※公式の呼称が不明なところは捏造です。




 訓練場を出てどこかで時間を潰そうか考えながら広間を歩く。そんなとき、「!」と声をかけられた。びっくりして声のほうに顔を向けると、真織ちゃんが生駒隊の人たちといるのを見つけた。真織ちゃんとはボーダー本部内で偶然話す機会があってから仲良くなった。学校が違うから会えるのは基本的に本部内が多い。たまに二人でお茶をしに行ったり映画を観に行ったりするくらい仲良しだ。
 ちょっと、緊張する。人にはあまり言っていないけれど、わたしは男の人があまり得意ではない。話せないというわけではないけれど何を話せばいいのか分からないし、わたしみたいにおどおどした相手は面倒臭がられることが多い。
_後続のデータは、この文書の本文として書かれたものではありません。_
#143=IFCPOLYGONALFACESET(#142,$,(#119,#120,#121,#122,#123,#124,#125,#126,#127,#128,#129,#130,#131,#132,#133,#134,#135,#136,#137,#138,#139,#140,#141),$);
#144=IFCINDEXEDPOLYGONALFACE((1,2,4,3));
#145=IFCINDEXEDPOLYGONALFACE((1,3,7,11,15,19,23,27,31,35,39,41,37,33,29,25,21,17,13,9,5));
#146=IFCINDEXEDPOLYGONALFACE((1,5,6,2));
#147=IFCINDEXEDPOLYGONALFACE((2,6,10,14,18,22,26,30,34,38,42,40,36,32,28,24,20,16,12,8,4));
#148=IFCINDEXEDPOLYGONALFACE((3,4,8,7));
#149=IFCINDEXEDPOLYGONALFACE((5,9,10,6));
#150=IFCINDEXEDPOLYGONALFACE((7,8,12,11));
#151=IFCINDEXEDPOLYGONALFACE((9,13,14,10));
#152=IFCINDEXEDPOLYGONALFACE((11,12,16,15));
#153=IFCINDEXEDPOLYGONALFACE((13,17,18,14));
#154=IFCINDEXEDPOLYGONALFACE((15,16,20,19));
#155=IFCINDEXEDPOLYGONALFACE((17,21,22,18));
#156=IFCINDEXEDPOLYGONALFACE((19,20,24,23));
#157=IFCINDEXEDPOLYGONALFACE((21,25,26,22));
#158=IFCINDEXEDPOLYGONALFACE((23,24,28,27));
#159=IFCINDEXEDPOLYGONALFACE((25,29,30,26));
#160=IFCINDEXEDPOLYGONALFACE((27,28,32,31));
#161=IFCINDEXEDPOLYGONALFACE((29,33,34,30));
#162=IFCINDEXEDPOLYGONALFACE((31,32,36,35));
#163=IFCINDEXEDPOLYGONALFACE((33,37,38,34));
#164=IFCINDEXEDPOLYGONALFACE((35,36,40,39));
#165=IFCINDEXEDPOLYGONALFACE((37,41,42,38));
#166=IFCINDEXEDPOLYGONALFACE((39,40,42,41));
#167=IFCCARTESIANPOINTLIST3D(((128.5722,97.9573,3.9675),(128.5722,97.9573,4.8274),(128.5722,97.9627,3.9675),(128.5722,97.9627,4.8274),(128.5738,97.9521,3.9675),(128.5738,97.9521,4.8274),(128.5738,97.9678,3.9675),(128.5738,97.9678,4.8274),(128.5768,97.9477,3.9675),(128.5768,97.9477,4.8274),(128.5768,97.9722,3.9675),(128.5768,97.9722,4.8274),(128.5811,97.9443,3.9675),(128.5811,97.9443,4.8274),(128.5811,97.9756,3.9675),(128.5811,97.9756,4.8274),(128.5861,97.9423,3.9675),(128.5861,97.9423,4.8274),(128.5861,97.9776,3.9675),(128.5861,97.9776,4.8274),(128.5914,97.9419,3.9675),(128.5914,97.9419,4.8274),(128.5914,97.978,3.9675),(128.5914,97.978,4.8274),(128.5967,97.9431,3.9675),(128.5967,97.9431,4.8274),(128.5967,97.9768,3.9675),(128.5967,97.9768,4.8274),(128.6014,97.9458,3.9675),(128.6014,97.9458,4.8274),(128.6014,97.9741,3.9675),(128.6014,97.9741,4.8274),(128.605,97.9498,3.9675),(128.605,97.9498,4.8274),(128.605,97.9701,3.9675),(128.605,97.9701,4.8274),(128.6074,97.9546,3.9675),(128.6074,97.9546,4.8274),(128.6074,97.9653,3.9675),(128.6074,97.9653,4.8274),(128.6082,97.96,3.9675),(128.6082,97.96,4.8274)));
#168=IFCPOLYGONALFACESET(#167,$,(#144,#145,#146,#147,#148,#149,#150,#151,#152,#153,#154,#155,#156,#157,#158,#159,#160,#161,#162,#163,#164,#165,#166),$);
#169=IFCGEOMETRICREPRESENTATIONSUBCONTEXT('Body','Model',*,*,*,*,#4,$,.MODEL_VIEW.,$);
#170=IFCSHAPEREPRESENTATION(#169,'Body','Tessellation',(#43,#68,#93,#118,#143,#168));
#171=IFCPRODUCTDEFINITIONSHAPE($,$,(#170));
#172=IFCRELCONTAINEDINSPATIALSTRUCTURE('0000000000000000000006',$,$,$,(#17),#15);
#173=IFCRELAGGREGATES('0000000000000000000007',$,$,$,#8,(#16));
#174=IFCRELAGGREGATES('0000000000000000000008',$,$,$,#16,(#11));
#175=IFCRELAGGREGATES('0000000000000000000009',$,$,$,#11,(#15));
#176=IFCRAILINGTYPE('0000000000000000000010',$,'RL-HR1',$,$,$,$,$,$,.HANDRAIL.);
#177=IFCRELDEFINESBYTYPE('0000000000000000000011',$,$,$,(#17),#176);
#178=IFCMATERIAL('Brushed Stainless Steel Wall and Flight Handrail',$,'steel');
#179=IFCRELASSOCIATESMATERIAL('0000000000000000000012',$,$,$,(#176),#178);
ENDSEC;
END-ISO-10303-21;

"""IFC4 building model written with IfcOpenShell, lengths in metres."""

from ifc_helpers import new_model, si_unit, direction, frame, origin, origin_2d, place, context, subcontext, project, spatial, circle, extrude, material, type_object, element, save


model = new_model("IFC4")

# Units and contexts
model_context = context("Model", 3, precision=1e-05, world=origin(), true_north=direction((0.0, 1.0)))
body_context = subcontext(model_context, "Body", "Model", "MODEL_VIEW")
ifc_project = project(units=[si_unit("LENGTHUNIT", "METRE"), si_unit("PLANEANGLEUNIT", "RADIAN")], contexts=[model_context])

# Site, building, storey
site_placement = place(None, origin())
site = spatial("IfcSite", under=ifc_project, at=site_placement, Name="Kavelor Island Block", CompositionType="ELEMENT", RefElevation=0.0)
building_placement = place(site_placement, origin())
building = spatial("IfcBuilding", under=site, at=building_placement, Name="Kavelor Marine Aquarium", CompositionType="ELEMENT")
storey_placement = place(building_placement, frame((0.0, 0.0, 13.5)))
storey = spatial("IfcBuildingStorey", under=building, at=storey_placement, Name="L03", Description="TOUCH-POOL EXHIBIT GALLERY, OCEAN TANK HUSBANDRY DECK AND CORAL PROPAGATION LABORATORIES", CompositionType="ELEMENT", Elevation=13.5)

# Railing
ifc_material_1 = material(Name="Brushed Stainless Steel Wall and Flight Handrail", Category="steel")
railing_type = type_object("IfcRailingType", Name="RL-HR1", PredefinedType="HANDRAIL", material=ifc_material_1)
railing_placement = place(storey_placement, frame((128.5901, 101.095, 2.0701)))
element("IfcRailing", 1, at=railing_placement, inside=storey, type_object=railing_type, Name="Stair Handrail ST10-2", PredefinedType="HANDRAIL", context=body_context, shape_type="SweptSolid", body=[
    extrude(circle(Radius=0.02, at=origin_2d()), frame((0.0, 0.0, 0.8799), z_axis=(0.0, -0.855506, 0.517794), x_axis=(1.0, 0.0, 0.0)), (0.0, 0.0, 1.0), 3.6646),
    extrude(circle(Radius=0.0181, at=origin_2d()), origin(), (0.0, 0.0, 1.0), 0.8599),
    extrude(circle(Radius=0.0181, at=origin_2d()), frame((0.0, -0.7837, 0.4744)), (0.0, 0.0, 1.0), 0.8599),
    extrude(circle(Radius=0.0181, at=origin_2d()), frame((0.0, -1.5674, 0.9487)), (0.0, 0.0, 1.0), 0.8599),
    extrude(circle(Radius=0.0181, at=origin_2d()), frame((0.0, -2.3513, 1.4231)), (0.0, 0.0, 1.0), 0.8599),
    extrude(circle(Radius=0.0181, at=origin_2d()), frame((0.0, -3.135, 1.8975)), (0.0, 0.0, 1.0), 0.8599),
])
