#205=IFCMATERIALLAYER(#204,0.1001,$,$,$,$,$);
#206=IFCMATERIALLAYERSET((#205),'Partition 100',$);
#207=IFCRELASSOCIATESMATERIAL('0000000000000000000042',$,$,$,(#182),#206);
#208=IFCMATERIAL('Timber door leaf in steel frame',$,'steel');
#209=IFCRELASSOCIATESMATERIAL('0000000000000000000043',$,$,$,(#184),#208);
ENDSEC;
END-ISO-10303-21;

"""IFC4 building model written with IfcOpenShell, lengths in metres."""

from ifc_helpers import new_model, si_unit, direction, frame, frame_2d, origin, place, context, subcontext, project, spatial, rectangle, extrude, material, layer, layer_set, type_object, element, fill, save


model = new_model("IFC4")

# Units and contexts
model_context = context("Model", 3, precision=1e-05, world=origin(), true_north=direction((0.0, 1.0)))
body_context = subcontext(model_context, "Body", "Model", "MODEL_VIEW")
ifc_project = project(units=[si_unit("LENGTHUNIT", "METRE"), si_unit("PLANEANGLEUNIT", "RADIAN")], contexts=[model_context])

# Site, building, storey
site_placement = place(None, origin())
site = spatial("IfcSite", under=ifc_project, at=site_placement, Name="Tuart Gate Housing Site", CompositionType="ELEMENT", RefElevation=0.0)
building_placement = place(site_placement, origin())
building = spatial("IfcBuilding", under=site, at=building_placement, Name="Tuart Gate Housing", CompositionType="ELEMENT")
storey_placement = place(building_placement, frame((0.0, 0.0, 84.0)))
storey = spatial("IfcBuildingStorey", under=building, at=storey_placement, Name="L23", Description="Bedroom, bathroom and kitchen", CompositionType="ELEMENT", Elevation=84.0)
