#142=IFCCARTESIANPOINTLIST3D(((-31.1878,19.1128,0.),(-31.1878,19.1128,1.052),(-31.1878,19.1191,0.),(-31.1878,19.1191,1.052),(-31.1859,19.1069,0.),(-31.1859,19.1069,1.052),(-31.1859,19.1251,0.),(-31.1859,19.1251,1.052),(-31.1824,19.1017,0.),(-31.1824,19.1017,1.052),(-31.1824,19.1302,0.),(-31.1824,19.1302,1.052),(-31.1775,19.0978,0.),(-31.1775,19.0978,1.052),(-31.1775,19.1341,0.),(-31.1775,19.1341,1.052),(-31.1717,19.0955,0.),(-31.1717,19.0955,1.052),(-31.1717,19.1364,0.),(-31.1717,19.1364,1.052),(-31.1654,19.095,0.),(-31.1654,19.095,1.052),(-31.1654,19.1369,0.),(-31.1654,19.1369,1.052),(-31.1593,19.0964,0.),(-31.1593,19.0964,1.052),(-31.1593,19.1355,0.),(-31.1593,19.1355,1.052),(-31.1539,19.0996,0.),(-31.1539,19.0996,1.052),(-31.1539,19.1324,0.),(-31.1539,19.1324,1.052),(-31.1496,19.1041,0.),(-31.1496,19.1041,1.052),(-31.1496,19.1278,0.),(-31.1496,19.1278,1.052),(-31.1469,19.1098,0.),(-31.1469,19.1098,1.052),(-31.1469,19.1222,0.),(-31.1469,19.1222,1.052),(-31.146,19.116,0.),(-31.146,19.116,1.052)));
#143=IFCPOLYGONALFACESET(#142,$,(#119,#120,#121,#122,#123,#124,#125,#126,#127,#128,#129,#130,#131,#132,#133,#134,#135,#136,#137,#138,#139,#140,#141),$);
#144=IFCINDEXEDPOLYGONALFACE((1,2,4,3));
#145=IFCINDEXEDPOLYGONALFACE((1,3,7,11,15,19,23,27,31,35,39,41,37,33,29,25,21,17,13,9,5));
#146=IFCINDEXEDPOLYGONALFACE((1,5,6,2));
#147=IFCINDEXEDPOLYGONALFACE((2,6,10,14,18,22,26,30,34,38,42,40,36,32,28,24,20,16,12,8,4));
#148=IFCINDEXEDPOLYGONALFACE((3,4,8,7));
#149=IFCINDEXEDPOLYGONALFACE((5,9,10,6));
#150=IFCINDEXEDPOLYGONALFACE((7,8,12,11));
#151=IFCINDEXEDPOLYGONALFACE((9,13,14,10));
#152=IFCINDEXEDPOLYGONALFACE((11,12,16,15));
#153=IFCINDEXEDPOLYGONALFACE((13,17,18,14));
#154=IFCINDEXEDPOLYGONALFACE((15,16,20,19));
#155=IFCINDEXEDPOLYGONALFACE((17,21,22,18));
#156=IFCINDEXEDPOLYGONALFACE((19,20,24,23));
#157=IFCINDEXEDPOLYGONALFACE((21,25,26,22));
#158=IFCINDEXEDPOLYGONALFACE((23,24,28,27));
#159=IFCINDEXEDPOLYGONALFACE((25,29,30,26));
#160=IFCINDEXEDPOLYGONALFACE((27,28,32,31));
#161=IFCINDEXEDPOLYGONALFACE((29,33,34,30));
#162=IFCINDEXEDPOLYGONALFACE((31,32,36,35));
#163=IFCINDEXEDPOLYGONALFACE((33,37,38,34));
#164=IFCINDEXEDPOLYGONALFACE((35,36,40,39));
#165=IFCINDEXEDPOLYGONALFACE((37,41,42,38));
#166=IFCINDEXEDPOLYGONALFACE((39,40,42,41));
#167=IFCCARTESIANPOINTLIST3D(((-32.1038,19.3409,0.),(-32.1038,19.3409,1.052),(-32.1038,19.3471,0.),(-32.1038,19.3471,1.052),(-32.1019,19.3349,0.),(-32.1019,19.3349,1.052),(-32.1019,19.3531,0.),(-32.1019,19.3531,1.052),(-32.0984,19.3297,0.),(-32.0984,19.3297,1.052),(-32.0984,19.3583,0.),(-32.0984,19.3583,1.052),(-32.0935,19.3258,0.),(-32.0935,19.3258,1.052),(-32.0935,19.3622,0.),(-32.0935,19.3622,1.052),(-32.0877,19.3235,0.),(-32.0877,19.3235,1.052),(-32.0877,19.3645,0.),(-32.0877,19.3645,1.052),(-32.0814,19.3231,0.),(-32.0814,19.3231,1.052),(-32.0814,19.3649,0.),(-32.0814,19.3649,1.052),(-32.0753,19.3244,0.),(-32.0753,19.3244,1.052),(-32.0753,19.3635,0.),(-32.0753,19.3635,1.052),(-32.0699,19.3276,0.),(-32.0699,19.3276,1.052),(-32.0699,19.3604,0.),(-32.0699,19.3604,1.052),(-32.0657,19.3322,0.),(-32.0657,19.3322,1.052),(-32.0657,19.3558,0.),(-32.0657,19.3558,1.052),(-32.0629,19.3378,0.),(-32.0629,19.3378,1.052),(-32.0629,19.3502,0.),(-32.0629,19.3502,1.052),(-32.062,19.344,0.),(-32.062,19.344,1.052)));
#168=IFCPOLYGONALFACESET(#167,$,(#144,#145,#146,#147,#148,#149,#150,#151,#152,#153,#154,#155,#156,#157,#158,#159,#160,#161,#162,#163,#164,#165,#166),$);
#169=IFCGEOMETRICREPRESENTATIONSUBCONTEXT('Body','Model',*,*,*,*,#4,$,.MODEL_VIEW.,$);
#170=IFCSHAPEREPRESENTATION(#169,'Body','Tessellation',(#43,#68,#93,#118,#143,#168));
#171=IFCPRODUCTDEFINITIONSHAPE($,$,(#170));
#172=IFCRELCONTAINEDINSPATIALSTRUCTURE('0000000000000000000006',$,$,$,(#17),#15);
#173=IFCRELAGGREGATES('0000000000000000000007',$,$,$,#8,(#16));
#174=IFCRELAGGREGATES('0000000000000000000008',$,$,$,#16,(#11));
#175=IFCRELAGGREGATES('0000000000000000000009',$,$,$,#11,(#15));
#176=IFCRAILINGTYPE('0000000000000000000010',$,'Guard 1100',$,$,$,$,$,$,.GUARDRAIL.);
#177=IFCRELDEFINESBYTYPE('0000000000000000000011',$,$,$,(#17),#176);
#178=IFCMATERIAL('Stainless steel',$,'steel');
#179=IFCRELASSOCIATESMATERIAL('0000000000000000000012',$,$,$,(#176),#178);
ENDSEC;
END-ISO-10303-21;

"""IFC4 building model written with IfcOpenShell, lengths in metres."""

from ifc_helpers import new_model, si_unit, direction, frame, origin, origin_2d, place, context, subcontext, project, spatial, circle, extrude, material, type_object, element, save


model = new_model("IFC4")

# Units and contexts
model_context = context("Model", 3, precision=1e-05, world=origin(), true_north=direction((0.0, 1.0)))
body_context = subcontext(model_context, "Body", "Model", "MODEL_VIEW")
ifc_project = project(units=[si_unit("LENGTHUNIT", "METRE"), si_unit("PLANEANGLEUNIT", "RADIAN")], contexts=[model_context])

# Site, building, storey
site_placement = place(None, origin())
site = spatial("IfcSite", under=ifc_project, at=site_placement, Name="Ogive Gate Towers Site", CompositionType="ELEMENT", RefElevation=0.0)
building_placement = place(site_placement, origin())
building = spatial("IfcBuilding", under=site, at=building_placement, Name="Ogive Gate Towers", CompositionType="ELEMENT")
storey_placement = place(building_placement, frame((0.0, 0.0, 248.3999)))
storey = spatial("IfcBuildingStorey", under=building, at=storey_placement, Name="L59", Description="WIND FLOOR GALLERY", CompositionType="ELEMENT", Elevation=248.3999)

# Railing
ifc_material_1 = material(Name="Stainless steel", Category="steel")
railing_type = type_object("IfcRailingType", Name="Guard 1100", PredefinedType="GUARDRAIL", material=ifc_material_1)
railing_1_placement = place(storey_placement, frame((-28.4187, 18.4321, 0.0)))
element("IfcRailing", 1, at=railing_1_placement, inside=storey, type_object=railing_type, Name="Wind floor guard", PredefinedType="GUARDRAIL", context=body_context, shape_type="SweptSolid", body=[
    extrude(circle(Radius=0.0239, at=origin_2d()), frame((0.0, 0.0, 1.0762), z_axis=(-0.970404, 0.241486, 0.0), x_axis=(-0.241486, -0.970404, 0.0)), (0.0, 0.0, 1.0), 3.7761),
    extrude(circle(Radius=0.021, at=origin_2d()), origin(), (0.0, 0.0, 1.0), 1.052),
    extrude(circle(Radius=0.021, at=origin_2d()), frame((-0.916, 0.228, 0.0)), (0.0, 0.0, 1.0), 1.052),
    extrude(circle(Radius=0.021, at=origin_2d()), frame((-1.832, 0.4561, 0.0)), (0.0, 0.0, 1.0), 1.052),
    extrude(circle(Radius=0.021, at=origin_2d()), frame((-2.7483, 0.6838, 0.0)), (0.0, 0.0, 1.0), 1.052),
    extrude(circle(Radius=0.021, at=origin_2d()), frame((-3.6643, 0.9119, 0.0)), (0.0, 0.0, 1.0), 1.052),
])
生駒隊の人たちは会話のテンポが速いから余計にだ。一つ息をついてから真織ちゃんに「お疲れ様」と返事をする。そうっと近付きつつ、やっぱり、どきどきした。
 水上先輩、いる。そう内心でぽつりと呟く。水上先輩とはただの一度も話したことはない。真織ちゃんを通して存在を認知されているかも、くらいの関係だ。そうだとしても、わたしにとっては絶対に秘密の、好きな人として見えてしまう。

「あれ、一人なん? 他の人らは?」
「一人で訓練に来ただけだよ。今からどうしようか考えてたの」

 見ると目が合う。真織ちゃんのことだけをじっと見て、どうにか視線が散らないように気を付けた。どきどきする心臓を無視して真織ちゃんに「何かあった?」と聞いてみる。真織ちゃんが「ああ、そうやった」と言いつつ鞄を開ける。鞄から出てきたのはかわいい包み。首を傾げていると「この前実家帰ってん。お土産」とにこにこ笑って手渡してくれた。

「え、いいの? ありがとう!」
「この前お菓子くれたやん。そのお礼」

 きゅんとした。一人でそれを噛みしめていると、真織ちゃんが「大袈裟やねん、はずいわ」と軽くわたしの腕をはたいた。他校の子ではじめて仲良くなった真織ちゃんは、わたしにとっては特別な友達なのだ。実家に帰ってもわたしのことを思い出してくれたのだと思うと嬉しくて仕方なかった。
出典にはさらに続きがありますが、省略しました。